In many cases, local authorities forced residents to pay for the demolitions and offered no assistance to clean up their properties after bulldozers tore down the outbuildings.
Turkmenistan: Berzengi Satellite Imagery
In one case, Merve M. lived on the second floor of a five-story building in central Ashgabat. Fifteen years ago, her family had built out their balcony – resulting in a large extension of her one-room apartment in the back courtyard, and had obtained the necessary permit. In the spring of 2016, municipal authorities forced her to demolish the extension, saying she had restore the property to “its original state.” She was not compensated although the value of the apartment dropped.Lack of Notice
As with full demolitions, city authorities failed to give Ashgabat residents advance adequate notice of partial demolitions – in some cases they gave as little as a few hours – and pressured residents to take down extensions as soon as possible. Sometimes if residents resisted demands to tear down extensions, municipal officials threatened to bulldoze them or to bring the prosecutor’s office to witness the demolition, which could result in unspecific punitive measures against the homeowners.
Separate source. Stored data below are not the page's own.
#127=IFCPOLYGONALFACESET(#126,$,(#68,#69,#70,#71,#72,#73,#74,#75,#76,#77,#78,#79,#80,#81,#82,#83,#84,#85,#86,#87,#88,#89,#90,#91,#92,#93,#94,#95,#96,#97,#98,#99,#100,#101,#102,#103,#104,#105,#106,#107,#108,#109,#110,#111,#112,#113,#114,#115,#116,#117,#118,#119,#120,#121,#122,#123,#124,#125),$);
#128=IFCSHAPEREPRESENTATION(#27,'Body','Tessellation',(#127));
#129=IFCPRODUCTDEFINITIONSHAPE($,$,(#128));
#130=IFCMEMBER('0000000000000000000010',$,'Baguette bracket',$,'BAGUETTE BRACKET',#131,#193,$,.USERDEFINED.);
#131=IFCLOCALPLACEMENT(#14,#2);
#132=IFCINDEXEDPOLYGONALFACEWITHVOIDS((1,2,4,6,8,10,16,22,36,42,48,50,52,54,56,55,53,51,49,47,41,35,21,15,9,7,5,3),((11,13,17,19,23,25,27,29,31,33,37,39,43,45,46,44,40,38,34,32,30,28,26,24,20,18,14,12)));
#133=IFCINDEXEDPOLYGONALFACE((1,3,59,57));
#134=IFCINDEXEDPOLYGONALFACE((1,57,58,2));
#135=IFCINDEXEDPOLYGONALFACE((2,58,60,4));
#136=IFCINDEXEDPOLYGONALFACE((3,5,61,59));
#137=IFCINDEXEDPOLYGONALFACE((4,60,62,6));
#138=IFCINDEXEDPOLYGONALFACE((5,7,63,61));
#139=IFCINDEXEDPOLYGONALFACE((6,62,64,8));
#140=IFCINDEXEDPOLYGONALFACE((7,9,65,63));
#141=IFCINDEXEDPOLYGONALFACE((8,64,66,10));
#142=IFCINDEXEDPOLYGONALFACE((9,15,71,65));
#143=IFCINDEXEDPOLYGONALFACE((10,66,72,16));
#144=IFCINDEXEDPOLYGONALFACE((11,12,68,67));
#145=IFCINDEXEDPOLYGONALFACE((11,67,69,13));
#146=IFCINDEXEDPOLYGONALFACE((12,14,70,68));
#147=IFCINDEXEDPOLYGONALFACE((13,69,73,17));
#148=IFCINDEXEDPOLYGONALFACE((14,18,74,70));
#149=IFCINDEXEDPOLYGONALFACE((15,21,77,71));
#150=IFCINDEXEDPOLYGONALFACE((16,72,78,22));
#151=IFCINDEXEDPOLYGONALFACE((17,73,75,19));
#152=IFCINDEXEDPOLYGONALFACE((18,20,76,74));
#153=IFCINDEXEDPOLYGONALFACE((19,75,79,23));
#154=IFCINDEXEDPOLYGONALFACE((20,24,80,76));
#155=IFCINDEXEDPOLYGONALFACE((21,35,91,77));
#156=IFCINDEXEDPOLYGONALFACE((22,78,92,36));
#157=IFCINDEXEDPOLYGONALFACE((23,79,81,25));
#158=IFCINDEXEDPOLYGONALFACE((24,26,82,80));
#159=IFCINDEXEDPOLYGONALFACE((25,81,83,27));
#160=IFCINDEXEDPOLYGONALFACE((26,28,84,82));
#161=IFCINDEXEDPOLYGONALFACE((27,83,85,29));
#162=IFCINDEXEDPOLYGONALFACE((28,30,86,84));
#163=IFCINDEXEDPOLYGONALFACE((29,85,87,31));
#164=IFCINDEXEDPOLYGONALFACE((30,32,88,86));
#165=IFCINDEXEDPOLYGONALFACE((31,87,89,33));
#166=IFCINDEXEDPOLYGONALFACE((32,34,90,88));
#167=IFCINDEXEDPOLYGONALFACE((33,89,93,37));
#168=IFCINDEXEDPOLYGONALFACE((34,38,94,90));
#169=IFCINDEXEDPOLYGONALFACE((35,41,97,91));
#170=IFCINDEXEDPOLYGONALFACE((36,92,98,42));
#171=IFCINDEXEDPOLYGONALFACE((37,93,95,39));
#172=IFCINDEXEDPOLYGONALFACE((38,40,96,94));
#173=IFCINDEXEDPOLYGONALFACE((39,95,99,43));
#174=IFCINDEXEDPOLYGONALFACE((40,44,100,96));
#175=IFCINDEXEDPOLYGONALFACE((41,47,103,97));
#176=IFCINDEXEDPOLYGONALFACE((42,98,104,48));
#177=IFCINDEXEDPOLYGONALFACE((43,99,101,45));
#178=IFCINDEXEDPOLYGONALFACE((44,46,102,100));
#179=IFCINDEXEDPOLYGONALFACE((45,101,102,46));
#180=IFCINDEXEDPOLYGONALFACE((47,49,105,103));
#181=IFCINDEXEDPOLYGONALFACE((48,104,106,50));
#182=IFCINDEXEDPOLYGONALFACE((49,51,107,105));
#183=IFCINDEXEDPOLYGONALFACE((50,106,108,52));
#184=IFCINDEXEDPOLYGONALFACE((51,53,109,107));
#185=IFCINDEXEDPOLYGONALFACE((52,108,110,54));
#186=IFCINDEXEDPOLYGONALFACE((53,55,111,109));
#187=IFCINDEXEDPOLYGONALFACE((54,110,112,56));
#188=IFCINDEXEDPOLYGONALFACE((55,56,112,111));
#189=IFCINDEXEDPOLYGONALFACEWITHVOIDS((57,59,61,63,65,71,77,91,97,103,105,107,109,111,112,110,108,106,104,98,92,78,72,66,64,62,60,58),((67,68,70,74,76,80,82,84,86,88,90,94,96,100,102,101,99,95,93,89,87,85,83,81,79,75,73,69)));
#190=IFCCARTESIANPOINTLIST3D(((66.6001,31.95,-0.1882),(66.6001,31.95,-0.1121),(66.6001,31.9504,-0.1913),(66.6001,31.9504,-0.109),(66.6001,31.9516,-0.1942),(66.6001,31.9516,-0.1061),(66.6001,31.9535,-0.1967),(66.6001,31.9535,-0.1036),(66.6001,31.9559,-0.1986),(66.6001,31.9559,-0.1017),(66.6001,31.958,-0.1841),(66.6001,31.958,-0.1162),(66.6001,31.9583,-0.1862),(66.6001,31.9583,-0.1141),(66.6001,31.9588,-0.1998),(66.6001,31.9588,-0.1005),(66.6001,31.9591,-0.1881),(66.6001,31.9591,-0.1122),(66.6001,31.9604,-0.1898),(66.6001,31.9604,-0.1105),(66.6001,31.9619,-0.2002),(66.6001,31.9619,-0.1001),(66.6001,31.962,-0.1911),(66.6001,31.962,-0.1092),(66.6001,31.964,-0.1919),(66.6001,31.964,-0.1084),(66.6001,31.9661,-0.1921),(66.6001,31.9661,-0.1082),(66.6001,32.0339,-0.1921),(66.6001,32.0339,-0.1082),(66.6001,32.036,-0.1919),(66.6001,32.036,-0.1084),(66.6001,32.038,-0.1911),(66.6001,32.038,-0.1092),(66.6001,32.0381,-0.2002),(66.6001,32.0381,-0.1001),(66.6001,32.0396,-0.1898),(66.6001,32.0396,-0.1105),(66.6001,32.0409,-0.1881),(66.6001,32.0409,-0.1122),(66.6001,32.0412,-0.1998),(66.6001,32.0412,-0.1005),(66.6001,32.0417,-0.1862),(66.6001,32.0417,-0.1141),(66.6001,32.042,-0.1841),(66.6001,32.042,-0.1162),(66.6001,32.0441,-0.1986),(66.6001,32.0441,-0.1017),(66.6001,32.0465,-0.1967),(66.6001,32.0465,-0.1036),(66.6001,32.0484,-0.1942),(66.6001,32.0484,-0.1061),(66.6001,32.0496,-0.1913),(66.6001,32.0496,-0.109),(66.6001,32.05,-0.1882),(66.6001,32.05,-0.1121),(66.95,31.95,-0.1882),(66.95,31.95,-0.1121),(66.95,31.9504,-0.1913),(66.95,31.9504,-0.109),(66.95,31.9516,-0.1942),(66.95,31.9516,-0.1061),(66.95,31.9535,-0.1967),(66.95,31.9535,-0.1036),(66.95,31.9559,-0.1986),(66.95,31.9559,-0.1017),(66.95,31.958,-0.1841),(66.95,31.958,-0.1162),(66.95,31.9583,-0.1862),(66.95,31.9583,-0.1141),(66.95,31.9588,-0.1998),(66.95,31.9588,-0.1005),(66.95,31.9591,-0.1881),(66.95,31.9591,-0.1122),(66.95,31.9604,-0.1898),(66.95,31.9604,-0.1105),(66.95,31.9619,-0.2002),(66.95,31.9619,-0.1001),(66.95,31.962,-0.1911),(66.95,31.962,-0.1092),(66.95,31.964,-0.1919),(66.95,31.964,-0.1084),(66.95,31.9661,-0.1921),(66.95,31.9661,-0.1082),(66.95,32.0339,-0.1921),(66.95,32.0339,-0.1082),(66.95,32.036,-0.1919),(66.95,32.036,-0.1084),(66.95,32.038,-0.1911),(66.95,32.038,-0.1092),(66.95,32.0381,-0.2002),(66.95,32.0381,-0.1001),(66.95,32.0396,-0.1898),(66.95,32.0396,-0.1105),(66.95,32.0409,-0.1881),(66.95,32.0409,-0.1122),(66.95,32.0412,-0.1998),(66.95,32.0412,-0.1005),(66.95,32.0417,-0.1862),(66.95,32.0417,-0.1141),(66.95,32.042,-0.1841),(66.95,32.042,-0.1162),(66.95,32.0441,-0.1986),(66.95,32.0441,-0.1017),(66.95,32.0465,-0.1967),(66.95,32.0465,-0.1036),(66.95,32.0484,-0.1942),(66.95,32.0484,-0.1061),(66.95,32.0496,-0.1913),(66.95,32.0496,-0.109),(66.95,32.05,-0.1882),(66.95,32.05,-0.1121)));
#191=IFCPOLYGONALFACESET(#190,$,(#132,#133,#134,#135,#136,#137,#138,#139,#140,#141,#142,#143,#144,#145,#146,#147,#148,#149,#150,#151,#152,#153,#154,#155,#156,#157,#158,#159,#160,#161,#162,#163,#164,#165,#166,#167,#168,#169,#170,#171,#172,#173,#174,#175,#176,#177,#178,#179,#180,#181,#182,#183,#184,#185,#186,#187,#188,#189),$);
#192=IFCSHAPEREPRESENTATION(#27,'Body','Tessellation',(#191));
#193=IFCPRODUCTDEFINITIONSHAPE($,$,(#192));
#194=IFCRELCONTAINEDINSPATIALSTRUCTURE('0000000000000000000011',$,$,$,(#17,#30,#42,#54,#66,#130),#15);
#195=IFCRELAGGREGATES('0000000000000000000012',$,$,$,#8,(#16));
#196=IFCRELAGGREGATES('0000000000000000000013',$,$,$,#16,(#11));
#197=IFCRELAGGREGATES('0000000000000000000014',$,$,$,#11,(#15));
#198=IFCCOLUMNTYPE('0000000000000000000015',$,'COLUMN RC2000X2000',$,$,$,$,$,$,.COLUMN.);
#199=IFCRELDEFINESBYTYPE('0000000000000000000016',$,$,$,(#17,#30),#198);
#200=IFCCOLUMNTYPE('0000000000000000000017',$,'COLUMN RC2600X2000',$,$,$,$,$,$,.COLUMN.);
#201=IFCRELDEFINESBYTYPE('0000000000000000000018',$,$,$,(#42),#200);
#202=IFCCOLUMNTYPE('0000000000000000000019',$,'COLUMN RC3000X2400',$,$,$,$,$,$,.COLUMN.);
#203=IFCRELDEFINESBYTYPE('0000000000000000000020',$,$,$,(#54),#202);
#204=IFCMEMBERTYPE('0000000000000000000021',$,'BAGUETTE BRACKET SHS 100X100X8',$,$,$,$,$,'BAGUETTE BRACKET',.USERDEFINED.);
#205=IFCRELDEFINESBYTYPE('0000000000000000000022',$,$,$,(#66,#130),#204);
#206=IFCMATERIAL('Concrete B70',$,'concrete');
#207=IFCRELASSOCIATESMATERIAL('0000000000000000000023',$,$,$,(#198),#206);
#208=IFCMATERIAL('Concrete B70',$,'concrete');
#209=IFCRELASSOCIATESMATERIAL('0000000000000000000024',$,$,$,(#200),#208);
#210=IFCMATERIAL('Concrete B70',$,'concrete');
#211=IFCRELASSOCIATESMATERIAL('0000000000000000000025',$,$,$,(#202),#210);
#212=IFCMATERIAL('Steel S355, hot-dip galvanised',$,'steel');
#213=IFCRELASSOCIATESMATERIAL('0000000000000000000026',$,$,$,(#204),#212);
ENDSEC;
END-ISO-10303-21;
In the summer of 2016, municipal authorities demolished Boris B.’s outbuildings, including a dining area with kitchen equipment in the courtyard of his first-floor apartment. Boris paid a bribe to city officials when he built the outbuildings in 2009, and until 2016, the officials took no interest in their legality. But when they ordered Boris to demolish the outbuildings, they claimed the property was “illegal” since it was not registered. Early in the summer, local government representatives went around the neighborhood, building by building, to inform first-floor residents that their outbuildings would be subject to demolition. No written order was provided, but the officials told Boris that they were carrying out demolitions in connection with the Asian Games, and said that “after the games are over, you can build it again.”
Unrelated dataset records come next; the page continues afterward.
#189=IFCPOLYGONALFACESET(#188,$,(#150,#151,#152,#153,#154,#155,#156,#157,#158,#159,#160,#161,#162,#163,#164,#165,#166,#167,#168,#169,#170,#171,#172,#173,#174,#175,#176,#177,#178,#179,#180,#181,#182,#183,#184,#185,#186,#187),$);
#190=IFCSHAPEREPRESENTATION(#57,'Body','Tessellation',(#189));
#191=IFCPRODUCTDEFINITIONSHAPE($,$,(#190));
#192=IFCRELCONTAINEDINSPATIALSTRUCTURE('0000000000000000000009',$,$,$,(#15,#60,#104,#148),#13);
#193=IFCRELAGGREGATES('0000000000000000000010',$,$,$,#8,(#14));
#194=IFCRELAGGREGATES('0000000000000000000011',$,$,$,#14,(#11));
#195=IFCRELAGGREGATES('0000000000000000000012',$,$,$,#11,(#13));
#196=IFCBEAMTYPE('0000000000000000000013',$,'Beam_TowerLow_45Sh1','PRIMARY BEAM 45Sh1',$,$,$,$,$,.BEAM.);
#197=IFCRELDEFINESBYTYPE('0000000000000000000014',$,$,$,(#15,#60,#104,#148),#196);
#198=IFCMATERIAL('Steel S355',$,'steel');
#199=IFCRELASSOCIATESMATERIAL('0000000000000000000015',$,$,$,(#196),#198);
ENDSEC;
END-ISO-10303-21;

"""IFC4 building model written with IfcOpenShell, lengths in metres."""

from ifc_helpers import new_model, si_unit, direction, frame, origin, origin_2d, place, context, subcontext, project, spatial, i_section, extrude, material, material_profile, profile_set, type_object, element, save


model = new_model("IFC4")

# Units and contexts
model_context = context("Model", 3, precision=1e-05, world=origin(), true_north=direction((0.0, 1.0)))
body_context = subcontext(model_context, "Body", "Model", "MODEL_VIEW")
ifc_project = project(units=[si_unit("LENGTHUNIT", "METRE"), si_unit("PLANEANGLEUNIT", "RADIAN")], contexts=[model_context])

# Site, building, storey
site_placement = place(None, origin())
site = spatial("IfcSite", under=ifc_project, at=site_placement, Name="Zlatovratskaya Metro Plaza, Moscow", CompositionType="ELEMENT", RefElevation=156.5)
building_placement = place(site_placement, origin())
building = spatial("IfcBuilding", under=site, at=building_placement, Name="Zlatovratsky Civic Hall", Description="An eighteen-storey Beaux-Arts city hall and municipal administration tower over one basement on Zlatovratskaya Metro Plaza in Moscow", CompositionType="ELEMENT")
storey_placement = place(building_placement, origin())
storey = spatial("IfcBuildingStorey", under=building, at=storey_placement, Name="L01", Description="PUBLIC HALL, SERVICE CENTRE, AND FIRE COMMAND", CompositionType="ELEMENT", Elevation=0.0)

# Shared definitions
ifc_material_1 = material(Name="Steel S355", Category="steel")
Dilara D., an Ashgabat resident who lives across from the AIMAG sports complex, said that municipal authorities required her family to demolish their apartment extension in 2015: “We had an apartment with a built-out balcony. [The authorities] forced us to destroy it. It was half the kitchen. We had invested about US$10,000 in that…and had recently done a big renovation. We could save the furniture, but we lost huge amounts of money.”
Another Ashgabat resident, Rahim R., lives on the ground floor of a multistory apartment building. In the spring of 2016, officials from the housing board, municipality, and security services forced him to demolish his terrace, sitting area, and gate, “because of the Asian games.” They also made him fell the trees in his garden.
Threats, Harassment, Short-Term Detention
TIHR and Human Rights Watch also know of four cases in which municipal authorities used threats, harassment, and detention of Ashgabat residents who questioned the municipal authorities’ demands to vacate or demolish their property.
In her letter, Melikohova said that in May 2015, staff of the local government office threatened her and her children with 15 days in detention if they did not vacate their home within 12 hours, even though she was still challenging the eviction in court: “We told them that we had petitioned the Supreme Court and would not move out until we receive copies of the rulings…. The officials replied that we ‘must either move out of the house within 12 hours or we will be arrested together with our kids for 15 days.’”
In 2015, local housing board officials informed Nataliya N. that she had to remove flowers she had planted in the yard of her apartment building in central Ashgabat, claiming that she “had no right” to plant them there as the land belonged to the local government. Nataliya begged the officials not to remove the plants, but they responded by detaining her for 15 days and removed the plants.